Foi em meio a tais exclamações animadas que o aeróstato de hidrogênio chamado de Inconveniência, sua gôndola enfeitada com bandeirolas patrióticas, levando uma tripulação de cinco rapazes pertencentes à célebre agremiação aeronáutica denominada Amigos do Acaso, ascendeu célere no céu matinal e logo foi levado pelo vento sul.

Quando a nave atingiu a altitude de cruzeiro, e todos os acidentes geográficos deixados para trás na terra já haviam se reduzido a dimensões quase microscópicas, Randolph St. Cosmo, o comandante, ordenou: “Forme-se o Destacamento Especial de Voo”, e os rapazes, todos eles envergando seus elegantes uniformes de verão — túnica com listras vermelhas e brancas e calça azul-celeste —, obedeceram com entusiasmo.

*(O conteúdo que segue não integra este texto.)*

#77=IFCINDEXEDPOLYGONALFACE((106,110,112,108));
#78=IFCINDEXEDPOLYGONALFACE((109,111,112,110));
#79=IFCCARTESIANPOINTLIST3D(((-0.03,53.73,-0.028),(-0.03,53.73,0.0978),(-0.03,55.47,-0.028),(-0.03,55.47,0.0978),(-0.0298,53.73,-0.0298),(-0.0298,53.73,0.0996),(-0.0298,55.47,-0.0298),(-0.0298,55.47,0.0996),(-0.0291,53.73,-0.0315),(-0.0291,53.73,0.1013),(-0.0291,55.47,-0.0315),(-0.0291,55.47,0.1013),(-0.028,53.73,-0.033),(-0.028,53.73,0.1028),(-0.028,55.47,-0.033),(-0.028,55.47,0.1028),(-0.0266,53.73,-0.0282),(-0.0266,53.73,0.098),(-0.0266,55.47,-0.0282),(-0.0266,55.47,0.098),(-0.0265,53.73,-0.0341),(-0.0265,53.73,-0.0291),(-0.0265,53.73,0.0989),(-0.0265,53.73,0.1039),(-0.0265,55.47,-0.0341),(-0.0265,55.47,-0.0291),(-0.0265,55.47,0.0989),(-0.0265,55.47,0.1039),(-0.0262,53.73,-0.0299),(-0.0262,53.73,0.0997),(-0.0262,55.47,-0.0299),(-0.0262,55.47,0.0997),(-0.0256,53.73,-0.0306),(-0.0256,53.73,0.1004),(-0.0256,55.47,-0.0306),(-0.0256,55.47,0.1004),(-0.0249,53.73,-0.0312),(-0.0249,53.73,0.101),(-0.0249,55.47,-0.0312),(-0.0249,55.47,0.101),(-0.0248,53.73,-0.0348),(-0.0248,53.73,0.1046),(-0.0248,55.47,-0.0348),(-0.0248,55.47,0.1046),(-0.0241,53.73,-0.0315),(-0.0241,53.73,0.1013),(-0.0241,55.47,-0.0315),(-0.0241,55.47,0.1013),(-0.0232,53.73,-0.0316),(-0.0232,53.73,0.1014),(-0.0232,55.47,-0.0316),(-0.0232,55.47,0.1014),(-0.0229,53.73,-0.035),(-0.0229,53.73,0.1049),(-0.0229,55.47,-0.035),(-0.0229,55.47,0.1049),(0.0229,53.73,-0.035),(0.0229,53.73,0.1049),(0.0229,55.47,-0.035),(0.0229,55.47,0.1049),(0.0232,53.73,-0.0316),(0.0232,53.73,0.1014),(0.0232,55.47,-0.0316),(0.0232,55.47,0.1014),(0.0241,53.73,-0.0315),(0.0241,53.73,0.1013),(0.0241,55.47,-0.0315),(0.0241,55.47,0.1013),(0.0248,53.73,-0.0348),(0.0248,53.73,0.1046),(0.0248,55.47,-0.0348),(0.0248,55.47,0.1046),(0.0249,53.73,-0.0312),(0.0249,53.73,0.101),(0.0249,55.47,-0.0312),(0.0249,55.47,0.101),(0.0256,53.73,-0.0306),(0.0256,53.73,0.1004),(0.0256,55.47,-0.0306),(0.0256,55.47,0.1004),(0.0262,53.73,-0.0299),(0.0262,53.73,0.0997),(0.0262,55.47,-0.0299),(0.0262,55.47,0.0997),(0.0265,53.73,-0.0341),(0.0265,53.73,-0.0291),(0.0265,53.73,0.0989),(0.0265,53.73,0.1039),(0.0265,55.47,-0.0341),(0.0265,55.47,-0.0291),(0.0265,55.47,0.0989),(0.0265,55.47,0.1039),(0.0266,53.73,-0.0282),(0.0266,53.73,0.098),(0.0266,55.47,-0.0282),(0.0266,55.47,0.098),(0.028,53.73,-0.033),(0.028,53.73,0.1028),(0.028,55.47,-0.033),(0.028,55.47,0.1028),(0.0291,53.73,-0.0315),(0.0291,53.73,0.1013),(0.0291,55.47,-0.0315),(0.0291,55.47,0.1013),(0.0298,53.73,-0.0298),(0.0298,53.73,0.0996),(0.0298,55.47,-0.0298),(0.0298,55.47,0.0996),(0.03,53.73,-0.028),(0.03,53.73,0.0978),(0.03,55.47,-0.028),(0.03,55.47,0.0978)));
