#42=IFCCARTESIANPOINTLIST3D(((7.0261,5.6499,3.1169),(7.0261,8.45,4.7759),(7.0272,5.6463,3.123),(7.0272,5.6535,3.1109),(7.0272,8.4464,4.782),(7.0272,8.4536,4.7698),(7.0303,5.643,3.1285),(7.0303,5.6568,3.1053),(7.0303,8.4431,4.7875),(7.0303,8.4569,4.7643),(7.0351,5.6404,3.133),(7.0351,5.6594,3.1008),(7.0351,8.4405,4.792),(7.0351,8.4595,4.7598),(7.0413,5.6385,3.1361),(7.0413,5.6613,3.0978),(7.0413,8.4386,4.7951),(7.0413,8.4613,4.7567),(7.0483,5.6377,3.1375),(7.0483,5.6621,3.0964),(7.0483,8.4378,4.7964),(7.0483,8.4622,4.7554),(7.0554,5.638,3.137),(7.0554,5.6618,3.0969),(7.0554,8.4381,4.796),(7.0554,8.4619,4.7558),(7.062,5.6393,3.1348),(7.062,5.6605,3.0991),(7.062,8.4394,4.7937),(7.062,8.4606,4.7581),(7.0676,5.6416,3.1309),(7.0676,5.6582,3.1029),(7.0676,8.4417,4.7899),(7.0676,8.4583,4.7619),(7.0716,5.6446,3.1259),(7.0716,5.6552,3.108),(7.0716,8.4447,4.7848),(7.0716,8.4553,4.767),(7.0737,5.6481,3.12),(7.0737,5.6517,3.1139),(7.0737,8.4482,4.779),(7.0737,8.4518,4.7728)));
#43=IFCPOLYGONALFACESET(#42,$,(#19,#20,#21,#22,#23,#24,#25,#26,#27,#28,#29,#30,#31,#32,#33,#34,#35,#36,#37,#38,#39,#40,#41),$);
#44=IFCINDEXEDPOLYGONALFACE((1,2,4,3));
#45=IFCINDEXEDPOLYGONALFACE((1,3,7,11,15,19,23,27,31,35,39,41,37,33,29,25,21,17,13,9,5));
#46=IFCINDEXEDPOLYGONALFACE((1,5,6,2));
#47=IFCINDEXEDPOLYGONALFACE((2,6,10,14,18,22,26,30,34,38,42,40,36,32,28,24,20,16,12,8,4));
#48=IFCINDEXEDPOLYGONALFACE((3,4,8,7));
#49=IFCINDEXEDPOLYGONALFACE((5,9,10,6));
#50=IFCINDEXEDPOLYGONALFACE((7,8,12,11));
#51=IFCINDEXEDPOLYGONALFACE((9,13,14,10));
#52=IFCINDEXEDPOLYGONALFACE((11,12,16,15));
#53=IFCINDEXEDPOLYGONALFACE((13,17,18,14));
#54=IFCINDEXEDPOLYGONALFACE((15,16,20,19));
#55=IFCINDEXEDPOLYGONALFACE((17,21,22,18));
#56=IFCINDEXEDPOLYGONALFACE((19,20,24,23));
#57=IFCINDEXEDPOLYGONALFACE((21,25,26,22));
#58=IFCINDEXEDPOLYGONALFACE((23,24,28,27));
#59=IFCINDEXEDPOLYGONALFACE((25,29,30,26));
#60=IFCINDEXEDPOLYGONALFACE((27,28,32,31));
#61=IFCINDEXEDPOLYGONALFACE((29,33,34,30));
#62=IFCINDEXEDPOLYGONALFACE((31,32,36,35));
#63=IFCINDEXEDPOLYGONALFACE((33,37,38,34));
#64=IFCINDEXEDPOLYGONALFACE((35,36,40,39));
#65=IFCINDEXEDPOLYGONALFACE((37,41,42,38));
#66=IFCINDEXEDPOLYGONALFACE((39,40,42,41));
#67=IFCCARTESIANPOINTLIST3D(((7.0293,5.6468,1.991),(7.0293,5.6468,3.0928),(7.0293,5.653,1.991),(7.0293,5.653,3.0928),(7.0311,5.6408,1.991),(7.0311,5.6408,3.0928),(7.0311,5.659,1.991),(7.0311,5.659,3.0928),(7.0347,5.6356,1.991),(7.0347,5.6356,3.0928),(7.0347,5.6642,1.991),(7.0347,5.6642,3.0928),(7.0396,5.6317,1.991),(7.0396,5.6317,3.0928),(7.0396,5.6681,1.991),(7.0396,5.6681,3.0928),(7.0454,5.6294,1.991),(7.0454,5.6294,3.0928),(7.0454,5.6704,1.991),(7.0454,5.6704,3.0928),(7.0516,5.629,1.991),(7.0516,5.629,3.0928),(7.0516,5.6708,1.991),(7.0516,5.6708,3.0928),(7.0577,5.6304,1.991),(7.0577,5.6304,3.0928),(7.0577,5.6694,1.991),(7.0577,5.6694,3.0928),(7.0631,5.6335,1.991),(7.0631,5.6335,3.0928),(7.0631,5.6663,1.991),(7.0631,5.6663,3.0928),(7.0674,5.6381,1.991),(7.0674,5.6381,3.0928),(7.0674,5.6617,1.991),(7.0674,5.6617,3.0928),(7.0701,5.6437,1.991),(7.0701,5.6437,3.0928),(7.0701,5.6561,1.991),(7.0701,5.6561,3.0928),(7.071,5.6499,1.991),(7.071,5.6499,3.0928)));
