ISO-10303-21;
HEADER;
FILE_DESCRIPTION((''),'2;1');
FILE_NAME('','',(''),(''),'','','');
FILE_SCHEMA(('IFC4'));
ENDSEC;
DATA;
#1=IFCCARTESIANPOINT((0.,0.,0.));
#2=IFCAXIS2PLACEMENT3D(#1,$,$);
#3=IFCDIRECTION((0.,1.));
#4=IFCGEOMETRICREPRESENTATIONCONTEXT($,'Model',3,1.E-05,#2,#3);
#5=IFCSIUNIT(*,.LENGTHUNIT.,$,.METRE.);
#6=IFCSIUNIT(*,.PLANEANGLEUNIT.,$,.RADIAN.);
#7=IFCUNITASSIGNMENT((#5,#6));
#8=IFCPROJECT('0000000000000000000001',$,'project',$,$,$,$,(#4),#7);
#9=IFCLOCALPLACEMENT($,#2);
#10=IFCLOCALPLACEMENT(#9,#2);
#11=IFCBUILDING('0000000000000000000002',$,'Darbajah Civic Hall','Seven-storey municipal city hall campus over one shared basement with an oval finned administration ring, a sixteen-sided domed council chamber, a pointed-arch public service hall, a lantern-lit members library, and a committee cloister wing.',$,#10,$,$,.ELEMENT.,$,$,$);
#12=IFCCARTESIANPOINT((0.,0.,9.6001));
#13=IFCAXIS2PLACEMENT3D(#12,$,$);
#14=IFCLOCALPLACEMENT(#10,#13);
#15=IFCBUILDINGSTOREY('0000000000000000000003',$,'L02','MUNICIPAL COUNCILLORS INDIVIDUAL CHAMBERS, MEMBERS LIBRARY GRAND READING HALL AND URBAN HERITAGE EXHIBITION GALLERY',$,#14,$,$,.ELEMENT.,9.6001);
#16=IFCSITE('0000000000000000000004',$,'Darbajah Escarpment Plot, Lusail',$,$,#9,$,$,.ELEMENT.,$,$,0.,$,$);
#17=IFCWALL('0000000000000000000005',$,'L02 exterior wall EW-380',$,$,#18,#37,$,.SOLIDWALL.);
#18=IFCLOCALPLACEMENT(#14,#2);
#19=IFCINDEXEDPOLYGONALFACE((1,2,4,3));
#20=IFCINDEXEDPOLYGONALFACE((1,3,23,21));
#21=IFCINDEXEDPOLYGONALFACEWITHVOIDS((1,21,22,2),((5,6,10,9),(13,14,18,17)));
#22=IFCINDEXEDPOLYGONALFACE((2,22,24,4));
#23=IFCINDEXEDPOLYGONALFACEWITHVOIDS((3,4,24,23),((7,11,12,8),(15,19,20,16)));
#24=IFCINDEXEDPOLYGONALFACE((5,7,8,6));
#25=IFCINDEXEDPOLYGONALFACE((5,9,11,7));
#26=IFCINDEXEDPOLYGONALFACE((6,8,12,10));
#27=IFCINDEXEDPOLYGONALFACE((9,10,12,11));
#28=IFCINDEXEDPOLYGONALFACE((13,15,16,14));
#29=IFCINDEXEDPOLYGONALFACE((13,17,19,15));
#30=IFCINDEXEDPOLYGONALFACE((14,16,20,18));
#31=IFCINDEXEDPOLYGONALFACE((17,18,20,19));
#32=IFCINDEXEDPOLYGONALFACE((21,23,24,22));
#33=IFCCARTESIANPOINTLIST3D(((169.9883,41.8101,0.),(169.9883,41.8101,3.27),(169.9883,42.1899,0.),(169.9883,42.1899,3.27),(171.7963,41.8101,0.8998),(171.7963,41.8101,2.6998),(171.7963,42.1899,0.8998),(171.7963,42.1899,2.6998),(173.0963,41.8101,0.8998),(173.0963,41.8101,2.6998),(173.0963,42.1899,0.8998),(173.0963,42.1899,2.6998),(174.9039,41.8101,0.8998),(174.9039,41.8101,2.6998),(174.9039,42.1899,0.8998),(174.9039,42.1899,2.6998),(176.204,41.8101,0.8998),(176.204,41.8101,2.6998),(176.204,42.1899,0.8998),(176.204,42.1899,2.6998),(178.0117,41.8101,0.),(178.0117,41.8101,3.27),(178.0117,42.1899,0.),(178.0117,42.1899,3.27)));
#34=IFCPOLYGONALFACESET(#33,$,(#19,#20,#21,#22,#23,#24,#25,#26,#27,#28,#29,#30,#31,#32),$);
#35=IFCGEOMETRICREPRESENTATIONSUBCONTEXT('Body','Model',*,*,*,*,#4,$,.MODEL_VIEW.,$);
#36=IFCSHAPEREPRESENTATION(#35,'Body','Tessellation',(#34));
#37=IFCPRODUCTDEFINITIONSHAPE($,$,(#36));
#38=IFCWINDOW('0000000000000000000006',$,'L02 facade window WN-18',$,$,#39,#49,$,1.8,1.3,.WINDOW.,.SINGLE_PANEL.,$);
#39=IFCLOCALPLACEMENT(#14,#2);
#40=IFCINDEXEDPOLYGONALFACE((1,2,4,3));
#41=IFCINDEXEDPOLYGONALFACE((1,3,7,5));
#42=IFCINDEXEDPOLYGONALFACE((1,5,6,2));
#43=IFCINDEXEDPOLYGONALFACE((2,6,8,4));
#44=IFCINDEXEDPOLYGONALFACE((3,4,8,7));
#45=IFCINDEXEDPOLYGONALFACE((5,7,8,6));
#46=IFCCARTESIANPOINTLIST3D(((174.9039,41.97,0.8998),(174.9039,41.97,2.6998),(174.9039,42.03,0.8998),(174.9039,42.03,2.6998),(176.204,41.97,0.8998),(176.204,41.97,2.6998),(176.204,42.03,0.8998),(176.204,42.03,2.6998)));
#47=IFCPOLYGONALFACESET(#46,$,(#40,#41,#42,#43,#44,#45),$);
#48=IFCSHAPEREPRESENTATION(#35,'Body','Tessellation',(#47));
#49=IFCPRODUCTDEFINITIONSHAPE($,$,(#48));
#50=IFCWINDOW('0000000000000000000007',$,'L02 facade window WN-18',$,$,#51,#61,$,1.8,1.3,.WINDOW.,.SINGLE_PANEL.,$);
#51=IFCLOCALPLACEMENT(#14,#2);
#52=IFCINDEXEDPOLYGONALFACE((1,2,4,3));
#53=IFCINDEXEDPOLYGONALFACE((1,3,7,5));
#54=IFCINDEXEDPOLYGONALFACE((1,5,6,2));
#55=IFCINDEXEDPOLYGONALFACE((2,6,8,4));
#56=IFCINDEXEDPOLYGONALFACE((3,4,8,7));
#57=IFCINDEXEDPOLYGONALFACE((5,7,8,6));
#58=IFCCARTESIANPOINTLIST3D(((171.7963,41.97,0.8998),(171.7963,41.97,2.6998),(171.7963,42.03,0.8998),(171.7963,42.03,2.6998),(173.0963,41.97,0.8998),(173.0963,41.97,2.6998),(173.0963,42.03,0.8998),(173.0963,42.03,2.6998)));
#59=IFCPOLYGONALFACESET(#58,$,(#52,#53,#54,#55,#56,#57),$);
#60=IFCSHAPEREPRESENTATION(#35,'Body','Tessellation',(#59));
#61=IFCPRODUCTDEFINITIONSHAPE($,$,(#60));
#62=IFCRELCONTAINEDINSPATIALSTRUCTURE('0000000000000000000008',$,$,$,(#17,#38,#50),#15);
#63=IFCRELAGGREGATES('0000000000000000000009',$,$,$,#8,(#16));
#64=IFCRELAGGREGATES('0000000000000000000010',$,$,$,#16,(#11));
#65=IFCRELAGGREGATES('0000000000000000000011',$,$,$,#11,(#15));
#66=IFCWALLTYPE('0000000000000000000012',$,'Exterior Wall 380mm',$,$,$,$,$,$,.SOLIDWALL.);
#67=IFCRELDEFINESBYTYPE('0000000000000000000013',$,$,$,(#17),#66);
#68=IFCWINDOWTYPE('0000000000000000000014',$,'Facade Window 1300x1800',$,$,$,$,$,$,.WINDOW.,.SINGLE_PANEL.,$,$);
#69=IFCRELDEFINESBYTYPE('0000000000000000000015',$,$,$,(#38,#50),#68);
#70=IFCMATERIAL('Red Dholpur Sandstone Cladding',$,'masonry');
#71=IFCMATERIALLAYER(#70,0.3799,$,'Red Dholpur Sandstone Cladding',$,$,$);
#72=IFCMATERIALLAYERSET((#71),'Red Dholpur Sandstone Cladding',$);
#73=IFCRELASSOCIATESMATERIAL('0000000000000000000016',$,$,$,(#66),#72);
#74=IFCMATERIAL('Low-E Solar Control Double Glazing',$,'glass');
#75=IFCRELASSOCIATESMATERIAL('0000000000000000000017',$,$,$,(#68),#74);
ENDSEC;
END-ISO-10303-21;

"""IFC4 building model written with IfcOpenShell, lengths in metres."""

from ifc_helpers import new_model, si_unit, direction, frame, frame_2d, origin, place, context, subcontext, project, spatial, rectangle, extrude, material, layer, layer_set, type_object, element, fill, save


model = new_model("IFC4")

# Units and contexts
model_context = context("Model", 3, precision=1e-05, world=origin(), true_north=direction((0.0, 1.0)))
body_context = subcontext(model_context, "Body", "Model", "MODEL_VIEW")
ifc_project = project(units=[si_unit("LENGTHUNIT", "METRE"), si_unit("PLANEANGLEUNIT", "RADIAN")], contexts=[model_context])

# Site, building, storey
site_placement = place(None, origin())
site = spatial("IfcSite", under=ifc_project, at=site_placement, Name="Darbajah Escarpment Plot, Lusail", CompositionType="ELEMENT", RefElevation=0.0)
building_placement = place(site_placement, origin())
building = spatial("IfcBuilding", under=site, at=building_placement, Name="Darbajah Civic Hall", Description="Seven-storey municipal city hall campus over one shared basement with an oval finned administration ring, a sixteen-sided domed council chamber, a pointed-arch public service hall, a lantern-lit members library, and a committee cloister wing.", CompositionType="ELEMENT")
storey_placement = place(building_placement, frame((0.0, 0.0, 9.6001)))
storey = spatial("IfcBuildingStorey", under=building, at=storey_placement, Name="L02", Description="MUNICIPAL COUNCILLORS INDIVIDUAL CHAMBERS, MEMBERS LIBRARY GRAND READING HALL AND URBAN HERITAGE EXHIBITION GALLERY", CompositionType="ELEMENT", Elevation=9.6001)

# Shared definitions
ifc_material_1 = material(Name="Low-E Solar Control Double Glazing", Category="glass")

# Wall, openings, windows
ifc_material_2 = material(Name="Red Dholpur Sandstone Cladding", Category="masonry")
ifc_layer_1 = layer(ifc_material_2, 0.3799, Name="Red Dholpur Sandstone Cladding")
ifc_layer_set_1 = layer_set([ifc_layer_1], Name="Red Dholpur Sandstone Cladding")
wall_type_1 = type_object("IfcWallType", Name="Exterior Wall 380mm", PredefinedType="SOLIDWALL", material=ifc_layer_set_1)
wall_1_placement = place(storey_placement, frame((178.0117, 42.0, 0.0), z_axis=(0.0, 0.0, 1.0), x_axis=(-1.0, 0.0, 0.0)))
wall_1 = element("IfcWall", 1, at=wall_1_placement, inside=storey, type_object=wall_type_1, Name="L02 exterior wall EW-380", PredefinedType="SOLIDWALL", context=body_context, shape_type="SweptSolid", body=[
    extrude(rectangle(XDim=8.0234, YDim=0.3799, at=frame_2d((4.0117, 0.0))), origin(), (0.0, 0.0, 1.0), 3.27),
])
opening_1_placement = place(wall_1_placement, frame((1.8079, 0.0, 0.8999)))
opening_1 = element("IfcOpeningElement", 2, at=opening_1_placement, cuts=wall_1, PredefinedType="OPENING", context=body_context, shape_type="SweptSolid", body=[
    extrude(rectangle(XDim=1.3, YDim=1.8, at=frame_2d((0.6499, 0.8999))), frame((0.0, 0.2, 0.0), z_axis=(0.0, -1.0, 0.0), x_axis=(1.0, 0.0, 0.0)), (0.0, 0.0, 1.0), 0.3999),
])
opening_2_placement = place(wall_1_placement, frame((4.9155, 0.0, 0.8999)))
opening_2 = element("IfcOpeningElement", 3, at=opening_2_placement, cuts=wall_1, PredefinedType="OPENING", context=body_context, shape_type="SweptSolid", body=[
    extrude(rectangle(XDim=1.3, YDim=1.8, at=frame_2d((0.6499, 0.8999))), frame((0.0, 0.2, 0.0), z_axis=(0.0, -1.0, 0.0), x_axis=(1.0, 0.0, 0.0)), (0.0, 0.0, 1.0), 0.3999),
])
window_type_1 = type_object("IfcWindowType", Name="Facade Window 1300x1800", PartitioningType="SINGLE_PANEL", PredefinedType="WINDOW", material=ifc_material_1)
window_1_placement = place(opening_1_placement, origin())
window_1 = element("IfcWindow", 4, at=window_1_placement, inside=storey, type_object=window_type_1, Name="L02 facade window WN-18", OverallHeight=1.8, OverallWidth=1.3, PartitioningType="SINGLE_PANEL", PredefinedType="WINDOW", context=body_context, shape_type="SweptSolid", body=[
    extrude(rectangle(XDim=1.3, YDim=1.8, at=frame_2d((0.6499, 0.8999))), frame((0.0, 0.03, 0.0), z_axis=(0.0, -1.0, 0.0), x_axis=(1.0, 0.0, 0.0)), (0.0, 0.0, 1.0), 0.0601),
])
fill(opening_1, window_1)
window_2_placement = place(opening_2_placement, origin())
window_2 = element("IfcWindow", 5, at=window_2_placement, inside=storey, type_object=window_type_1, Name="L02 facade window WN-18", OverallHeight=1.8, OverallWidth=1.3, PartitioningType="SINGLE_PANEL", PredefinedType="WINDOW", context=body_context, shape_type="SweptSolid", body=[
    extrude(rectangle(XDim=1.3, YDim=1.8, at=frame_2d((0.6499, 0.8999))), frame((0.0, 0.03, 0.0), z_axis=(0.0, -1.0, 0.0), x_axis=(1.0, 0.0, 0.0)), (0.0, 0.0, 1.0), 0.0601),
])
fill(opening_2, window_2)

save(model, "model.ifc")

Naquele dia, seguiam em direção à cidade de Chicago, onde recentemente fora inaugurada a Feira Mundial de Chicago. Desde que fora dada a ordem, não se falava de outra coisa naquela tripulação empolgada e curiosa que não da célebre “Cidade Branca”, sua enorme roda-gigante, templos alabastrinos do comércio e da indústria, lagoas reluzentes e muitos milhares de maravilhas tais, de natureza tanto científica quanto artística, que lá os aguardavam. (p.9)

 

(...)

 

Enquanto desciam, sobrevoando os Matadouros, o cheiro subia até eles, o cheiro e a zoeira de carne descobrindo sua mortalidadecomo a contraparte escura de alguma ficção diurna que, como parecia cada vez mais provável, eles haviam ido até lá para ajudar a promover. Em algum lugar lá embaixo estava a Cidade Branca prometida pelas brochuras da Feira de Chicago, em algum lugar em meio às chaminés altas sempre a vomitar uma fumaça negra e gordurosa, eflúvios da carnificina incessante, na qual desapareciam os topos dos edifícios das léguas de cidade que se estendiam na direção do vento, como crianças a mergulhar num sono que não traz descanso do dia. Nos Matadouros, os operários que terminavam seus turnos, em sua maioria esmagadora da fé romana, podendo desprender-se da terra e do sangue por alguns segundos preciosos, olhavam para o aeróstato maravilhados, imaginando um destacamento de anjos não necessariamente benignos. (p.16)

(...)

 

Por fim, o veículo deixou-os numa esquina a partir da qual, garantiu o condutor, era apenas uma caminhada rápida até a Feira (...) Ao longe os rapazes divisavam no céu o brilho elétrico da Feira, mas o local onde se encontravam estava imerso em sombra. (...) quem se deslocasse pela avenida central do evento se dava conta de que as atrações mais europeias, civilizadas e... bem, para ser franco, brancas, ficavam mais perto da “Cidade Branca”, e à medida que se afastava dessa Metrópole alabastrina, mais evidentes se tornavam os sinais de escuridão cultural e selvageria. Os rapazes tinham a impressão de estarem atravessando um mundo separado, onde não havia lampiões, de terem transposto algum obscuro limiar e penetrado num mundo com vida econômica, hábitos sociais e códigos próprios, cônscio de que pouco ou nada tinha em comum com a Exposição oficial... (...)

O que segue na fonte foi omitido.